Interesting topic... I am a DIY and I just replaced my furnace and gas range in the last couple of months. I read here not to put dope on the union surfaces but some said it was OK to put dope on the threaded part of the unions. Imagine my surprise when everything I took apart had dope all over the place including the union surfaces. It even looked like some could have gotten into the gas lines. Oh well, I never had any trouble with anything... but when I put it all back together I did not use dope on the unions and they do not leak.


----------



## hvactech126 (Nov 11, 2010)

I dont put dope on the unions, that is not acceptable practice.


----------



## REP (Jul 24, 2011)

You use dope on the pipe connections but not the union surfaces.I have seen dope used on the tightening nut .It dosen't hurt anything but usually not needed..The reason you don't put dope on the union surfaces is because it will get in the way of the machined surfaces and possibly cause a leak.


----------



## beenthere (Oct 11, 2008)

No dope needed on unions.


----------



## how (Feb 26, 2011)

Don't know any professionals who would waste their time doping the mating surfaces of a union. The smallest bit of pipe dope that gets into a gas valve can ruin it. A union that won't seal without pipe dope on the mating surfaces should just be replaced or the two piping sections should be redone to line up correctly with the union(if they aren't already).


----------



## COLDIRON (Mar 15, 2009)

" just say no to dope"


----------



## biggles (Jan 1, 2008)

aren't there still GAS unions for natural gas pipe ups only.there is nothing running even in a commercial install that a fitter would use dope on them


----------



## VIPlumber (Aug 2, 2010)

I'm a no dope advocate on unions & flared fittings.


----------



## Doc Holliday (Mar 12, 2011)

In Texas a job will fail if you do not use pipe dope on gas lines or at least I think it will. It is very abundant and mandatory on all jobs concerning gas furnaces. I'd suspect it the same for all gas appliances.

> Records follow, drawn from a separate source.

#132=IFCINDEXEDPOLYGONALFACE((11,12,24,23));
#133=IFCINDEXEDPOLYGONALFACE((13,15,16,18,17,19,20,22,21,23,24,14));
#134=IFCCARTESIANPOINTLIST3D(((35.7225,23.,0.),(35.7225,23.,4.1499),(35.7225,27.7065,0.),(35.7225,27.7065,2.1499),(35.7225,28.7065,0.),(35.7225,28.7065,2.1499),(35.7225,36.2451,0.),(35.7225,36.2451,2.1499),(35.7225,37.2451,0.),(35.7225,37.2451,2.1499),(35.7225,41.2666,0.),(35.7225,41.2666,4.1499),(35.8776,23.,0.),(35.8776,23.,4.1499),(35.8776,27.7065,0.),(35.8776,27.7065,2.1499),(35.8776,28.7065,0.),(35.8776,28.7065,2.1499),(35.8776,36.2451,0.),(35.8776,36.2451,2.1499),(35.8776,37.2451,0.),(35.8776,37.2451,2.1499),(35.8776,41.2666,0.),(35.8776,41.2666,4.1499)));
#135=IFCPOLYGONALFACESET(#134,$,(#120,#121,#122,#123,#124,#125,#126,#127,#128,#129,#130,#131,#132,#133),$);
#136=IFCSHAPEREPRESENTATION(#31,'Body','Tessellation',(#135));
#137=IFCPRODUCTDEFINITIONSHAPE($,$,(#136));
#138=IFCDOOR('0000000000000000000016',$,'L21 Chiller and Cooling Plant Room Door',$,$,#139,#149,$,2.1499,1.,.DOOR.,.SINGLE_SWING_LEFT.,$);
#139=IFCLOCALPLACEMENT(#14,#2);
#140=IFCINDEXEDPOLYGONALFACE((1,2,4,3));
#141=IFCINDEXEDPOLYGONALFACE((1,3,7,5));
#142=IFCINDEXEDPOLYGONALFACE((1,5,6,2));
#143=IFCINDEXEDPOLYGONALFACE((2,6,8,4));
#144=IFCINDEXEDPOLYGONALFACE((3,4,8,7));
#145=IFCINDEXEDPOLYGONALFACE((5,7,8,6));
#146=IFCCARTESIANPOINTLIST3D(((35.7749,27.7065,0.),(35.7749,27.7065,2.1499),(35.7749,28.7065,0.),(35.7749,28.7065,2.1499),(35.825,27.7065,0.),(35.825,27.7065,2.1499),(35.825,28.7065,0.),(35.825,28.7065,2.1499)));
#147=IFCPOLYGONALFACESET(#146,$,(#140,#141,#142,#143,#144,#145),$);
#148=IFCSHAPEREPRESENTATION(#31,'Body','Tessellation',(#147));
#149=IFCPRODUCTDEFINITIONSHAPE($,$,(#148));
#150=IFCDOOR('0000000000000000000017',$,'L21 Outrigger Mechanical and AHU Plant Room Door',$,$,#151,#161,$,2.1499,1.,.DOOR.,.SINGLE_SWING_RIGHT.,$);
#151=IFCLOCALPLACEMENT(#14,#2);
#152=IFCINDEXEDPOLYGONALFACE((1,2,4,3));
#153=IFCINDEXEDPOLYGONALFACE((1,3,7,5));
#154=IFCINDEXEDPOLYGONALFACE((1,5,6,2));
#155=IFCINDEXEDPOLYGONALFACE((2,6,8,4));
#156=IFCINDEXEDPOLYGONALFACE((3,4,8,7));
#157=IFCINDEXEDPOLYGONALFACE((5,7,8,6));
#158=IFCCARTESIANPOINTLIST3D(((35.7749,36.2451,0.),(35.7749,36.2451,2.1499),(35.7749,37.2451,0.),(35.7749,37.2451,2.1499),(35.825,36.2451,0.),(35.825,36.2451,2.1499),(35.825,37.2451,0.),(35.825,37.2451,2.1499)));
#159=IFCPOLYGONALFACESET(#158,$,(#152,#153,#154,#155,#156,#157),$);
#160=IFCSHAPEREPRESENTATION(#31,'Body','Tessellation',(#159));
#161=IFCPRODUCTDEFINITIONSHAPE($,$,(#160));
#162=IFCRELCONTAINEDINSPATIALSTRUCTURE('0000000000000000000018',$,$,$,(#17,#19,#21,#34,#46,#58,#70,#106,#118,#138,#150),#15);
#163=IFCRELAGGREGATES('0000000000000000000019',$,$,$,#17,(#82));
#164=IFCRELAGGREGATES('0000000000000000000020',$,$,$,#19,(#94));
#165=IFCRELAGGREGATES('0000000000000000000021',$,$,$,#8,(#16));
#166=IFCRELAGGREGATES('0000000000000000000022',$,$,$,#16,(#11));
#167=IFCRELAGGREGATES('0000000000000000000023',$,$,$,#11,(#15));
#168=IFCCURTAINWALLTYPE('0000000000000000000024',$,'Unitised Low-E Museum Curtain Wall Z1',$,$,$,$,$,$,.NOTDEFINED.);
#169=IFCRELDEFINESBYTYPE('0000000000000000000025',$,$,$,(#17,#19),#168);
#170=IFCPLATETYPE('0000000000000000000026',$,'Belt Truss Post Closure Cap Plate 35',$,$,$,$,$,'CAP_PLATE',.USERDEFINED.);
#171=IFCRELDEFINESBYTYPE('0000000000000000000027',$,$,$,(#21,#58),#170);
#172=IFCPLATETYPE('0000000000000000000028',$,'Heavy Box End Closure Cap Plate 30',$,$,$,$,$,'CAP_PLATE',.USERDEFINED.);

Better safe than sorry, I guess.


----------



## how (Feb 26, 2011)

Hey Doc
Boy this is a subject with legs. It's right up there with "Should gas lines within a residence be electrically grounded or not?"

I don't think anyone is saying that they wouldn't use dope or tape on gas connections except for this thread on the mating/threaded cinching parts of a union?
Or have I got that wrong?


----------



## hvac benny (Dec 29, 2009)

Doc, there are certain types of gas fittings that work without dope, such as unions and flare fittings. Dope is required, however, where ever you have an MIP-FIP connection.


----------



## COLDIRON (Mar 15, 2009)

Doc Holliday said:


> In Texas a job will fail if you do not use pipe dope on gas lines or at least I think it will. It is very abundant and mandatory on all jobs concerning gas furnaces. I'd suspect it the same for all gas appliances.
> 
> Better safe than sorry, I guess.


Doc, were're only talking about the mating surfaces of unions, everthing else gets doped.


----------